Getting started#
This page should contain a short guide on what the plugin does and a short example on how to use the plugin.
Installation#
Use the following commands to install the plugin:
git clone https://github.com/janssenhenning/aiida-dataframe .
cd aiida-dataframe
pip install -e . # also installs aiida, if missing (but not postgres)
#pip install -e .[pre-commit,testing] # install extras for more features
verdi quicksetup # better to set up a new profile
verdi plugin list aiida.data # should now show your data plugins
Usage#
The plugin provides a Data plugin PandasFrameData
that is able to serialize and deserialize DataFrame
objects for the AiiDA
database (stored in HDF5 format in the File repository)
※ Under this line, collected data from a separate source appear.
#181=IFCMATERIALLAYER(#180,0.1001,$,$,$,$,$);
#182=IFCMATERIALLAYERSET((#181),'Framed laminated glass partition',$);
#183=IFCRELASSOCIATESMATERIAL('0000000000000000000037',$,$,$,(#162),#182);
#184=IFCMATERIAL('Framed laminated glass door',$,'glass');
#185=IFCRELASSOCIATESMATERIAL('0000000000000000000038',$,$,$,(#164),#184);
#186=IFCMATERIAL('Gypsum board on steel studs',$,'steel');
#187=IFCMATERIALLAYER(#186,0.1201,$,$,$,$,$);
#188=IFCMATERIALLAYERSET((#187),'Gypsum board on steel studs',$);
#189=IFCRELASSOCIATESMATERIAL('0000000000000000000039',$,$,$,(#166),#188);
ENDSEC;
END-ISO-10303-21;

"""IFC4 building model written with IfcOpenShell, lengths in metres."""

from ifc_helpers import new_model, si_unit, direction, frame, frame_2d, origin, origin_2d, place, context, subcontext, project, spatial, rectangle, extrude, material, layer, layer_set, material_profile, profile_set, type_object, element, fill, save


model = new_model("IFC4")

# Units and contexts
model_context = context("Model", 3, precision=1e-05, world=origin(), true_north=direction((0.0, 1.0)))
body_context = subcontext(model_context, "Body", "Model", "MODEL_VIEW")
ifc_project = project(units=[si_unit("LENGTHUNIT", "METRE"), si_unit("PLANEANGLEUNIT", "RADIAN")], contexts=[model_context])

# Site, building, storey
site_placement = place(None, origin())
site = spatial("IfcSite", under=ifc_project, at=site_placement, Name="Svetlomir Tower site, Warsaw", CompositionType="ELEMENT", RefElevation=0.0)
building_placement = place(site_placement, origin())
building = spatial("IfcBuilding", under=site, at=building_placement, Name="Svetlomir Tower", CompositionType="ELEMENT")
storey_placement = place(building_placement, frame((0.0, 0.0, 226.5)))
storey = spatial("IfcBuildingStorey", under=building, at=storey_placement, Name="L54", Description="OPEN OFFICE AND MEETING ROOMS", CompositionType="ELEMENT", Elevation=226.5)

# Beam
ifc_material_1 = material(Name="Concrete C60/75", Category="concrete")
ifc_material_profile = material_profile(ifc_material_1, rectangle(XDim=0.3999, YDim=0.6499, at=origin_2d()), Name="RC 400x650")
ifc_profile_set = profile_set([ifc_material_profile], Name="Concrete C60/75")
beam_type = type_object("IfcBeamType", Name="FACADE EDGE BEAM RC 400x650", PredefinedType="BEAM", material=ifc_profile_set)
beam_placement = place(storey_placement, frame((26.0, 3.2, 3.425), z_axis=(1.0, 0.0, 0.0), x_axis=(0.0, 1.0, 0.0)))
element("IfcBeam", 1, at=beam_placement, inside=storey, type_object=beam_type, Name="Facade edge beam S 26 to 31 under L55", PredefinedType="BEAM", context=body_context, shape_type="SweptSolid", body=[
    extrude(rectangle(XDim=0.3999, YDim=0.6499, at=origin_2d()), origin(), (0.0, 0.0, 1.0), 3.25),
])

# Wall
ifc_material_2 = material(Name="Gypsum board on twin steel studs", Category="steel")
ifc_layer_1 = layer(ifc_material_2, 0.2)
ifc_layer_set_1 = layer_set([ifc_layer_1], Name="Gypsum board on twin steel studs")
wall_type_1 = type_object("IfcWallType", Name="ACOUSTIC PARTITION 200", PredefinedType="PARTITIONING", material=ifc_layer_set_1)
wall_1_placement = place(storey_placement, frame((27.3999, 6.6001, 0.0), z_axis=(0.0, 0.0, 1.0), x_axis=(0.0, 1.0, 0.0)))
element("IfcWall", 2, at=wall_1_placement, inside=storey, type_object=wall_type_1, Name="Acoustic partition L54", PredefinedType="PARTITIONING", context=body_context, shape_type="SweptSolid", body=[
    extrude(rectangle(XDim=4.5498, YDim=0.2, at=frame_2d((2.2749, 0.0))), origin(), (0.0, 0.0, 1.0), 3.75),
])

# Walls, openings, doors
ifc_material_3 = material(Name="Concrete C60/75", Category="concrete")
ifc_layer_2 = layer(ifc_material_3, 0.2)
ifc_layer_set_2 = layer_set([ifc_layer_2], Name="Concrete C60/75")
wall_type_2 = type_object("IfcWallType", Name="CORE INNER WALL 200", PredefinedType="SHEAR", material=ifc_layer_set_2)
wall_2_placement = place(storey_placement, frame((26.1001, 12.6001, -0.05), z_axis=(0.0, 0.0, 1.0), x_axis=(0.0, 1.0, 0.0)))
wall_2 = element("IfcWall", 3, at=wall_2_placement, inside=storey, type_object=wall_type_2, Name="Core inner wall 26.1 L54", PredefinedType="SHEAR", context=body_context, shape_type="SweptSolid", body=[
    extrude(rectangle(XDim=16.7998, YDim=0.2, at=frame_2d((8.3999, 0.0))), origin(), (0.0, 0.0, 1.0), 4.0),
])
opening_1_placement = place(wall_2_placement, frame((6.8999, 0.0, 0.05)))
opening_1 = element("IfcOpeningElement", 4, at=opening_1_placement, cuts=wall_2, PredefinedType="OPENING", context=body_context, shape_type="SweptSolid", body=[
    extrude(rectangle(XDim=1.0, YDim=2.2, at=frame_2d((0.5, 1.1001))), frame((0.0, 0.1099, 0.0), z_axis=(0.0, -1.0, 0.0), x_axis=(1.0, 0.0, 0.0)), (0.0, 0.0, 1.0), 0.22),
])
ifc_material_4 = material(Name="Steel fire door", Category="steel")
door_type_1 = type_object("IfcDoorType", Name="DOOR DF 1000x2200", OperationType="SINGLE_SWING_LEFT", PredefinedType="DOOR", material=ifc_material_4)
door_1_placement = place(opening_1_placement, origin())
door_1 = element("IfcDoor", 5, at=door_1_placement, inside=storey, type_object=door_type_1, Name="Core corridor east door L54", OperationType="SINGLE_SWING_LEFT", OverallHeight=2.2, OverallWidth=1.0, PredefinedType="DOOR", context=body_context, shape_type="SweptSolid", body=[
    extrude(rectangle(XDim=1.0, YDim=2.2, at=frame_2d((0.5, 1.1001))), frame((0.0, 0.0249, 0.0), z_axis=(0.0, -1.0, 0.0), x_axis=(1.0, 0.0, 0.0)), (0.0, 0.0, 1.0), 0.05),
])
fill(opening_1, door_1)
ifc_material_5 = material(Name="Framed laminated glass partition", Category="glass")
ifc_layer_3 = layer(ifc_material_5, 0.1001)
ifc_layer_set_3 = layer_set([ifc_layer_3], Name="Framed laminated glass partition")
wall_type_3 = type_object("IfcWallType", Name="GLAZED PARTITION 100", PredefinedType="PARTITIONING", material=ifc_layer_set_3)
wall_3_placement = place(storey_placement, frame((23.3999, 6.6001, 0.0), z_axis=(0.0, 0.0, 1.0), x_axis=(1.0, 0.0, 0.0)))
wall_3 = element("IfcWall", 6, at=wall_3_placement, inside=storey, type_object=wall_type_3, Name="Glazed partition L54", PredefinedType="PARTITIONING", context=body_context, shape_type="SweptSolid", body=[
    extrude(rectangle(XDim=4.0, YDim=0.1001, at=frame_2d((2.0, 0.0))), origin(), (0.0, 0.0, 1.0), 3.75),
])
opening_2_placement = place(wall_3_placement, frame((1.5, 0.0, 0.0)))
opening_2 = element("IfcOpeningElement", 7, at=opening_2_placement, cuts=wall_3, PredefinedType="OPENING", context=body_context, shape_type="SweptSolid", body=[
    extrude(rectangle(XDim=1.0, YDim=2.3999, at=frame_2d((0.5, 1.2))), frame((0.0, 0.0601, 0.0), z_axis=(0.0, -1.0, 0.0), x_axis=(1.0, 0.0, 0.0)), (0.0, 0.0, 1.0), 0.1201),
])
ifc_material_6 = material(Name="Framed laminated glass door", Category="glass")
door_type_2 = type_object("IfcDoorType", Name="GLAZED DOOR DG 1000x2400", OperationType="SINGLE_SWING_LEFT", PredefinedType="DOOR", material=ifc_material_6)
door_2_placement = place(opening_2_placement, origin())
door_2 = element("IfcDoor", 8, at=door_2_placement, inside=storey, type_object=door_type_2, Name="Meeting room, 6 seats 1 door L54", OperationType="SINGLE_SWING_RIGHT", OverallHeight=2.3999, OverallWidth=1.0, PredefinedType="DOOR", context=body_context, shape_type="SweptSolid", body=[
Example for storing a DataFrame:
import pandas as pd
import numpy as np
from aiida.plugins import DataFactory
PandasFrameData = DataFactory('dataframe.frame')
df = pd.DataFrame(
{
"A": 1.0,
"B": pd.Timestamp("20130102"),
"C": pd.Series(1, index=list(range(4)), dtype="float32"),
"D": np.array([3] * 4, dtype="int32"),
"E": pd.Categorical(["test", "train", "test", "train"]),
"F": "foo",
}
)
df_node = PandasFrameData(df)
df_node.store()
The underlying DataFrame is accessible using the df property of the Data node:
print(df_node.df.head())
Warning
Note on Mutability of DataFrame objects
Methods on pandas.DataFrame
objects return a new instance of the
object and do not mutate the original instance. This means that as soon as the
PandasFrameData
is initialized the associated
DataFrame essentially is fixed. Any operation on the dataframe on the
PandasFrameData
class will completely overwrite
and recreate the associated HDF5 file in it’s repository.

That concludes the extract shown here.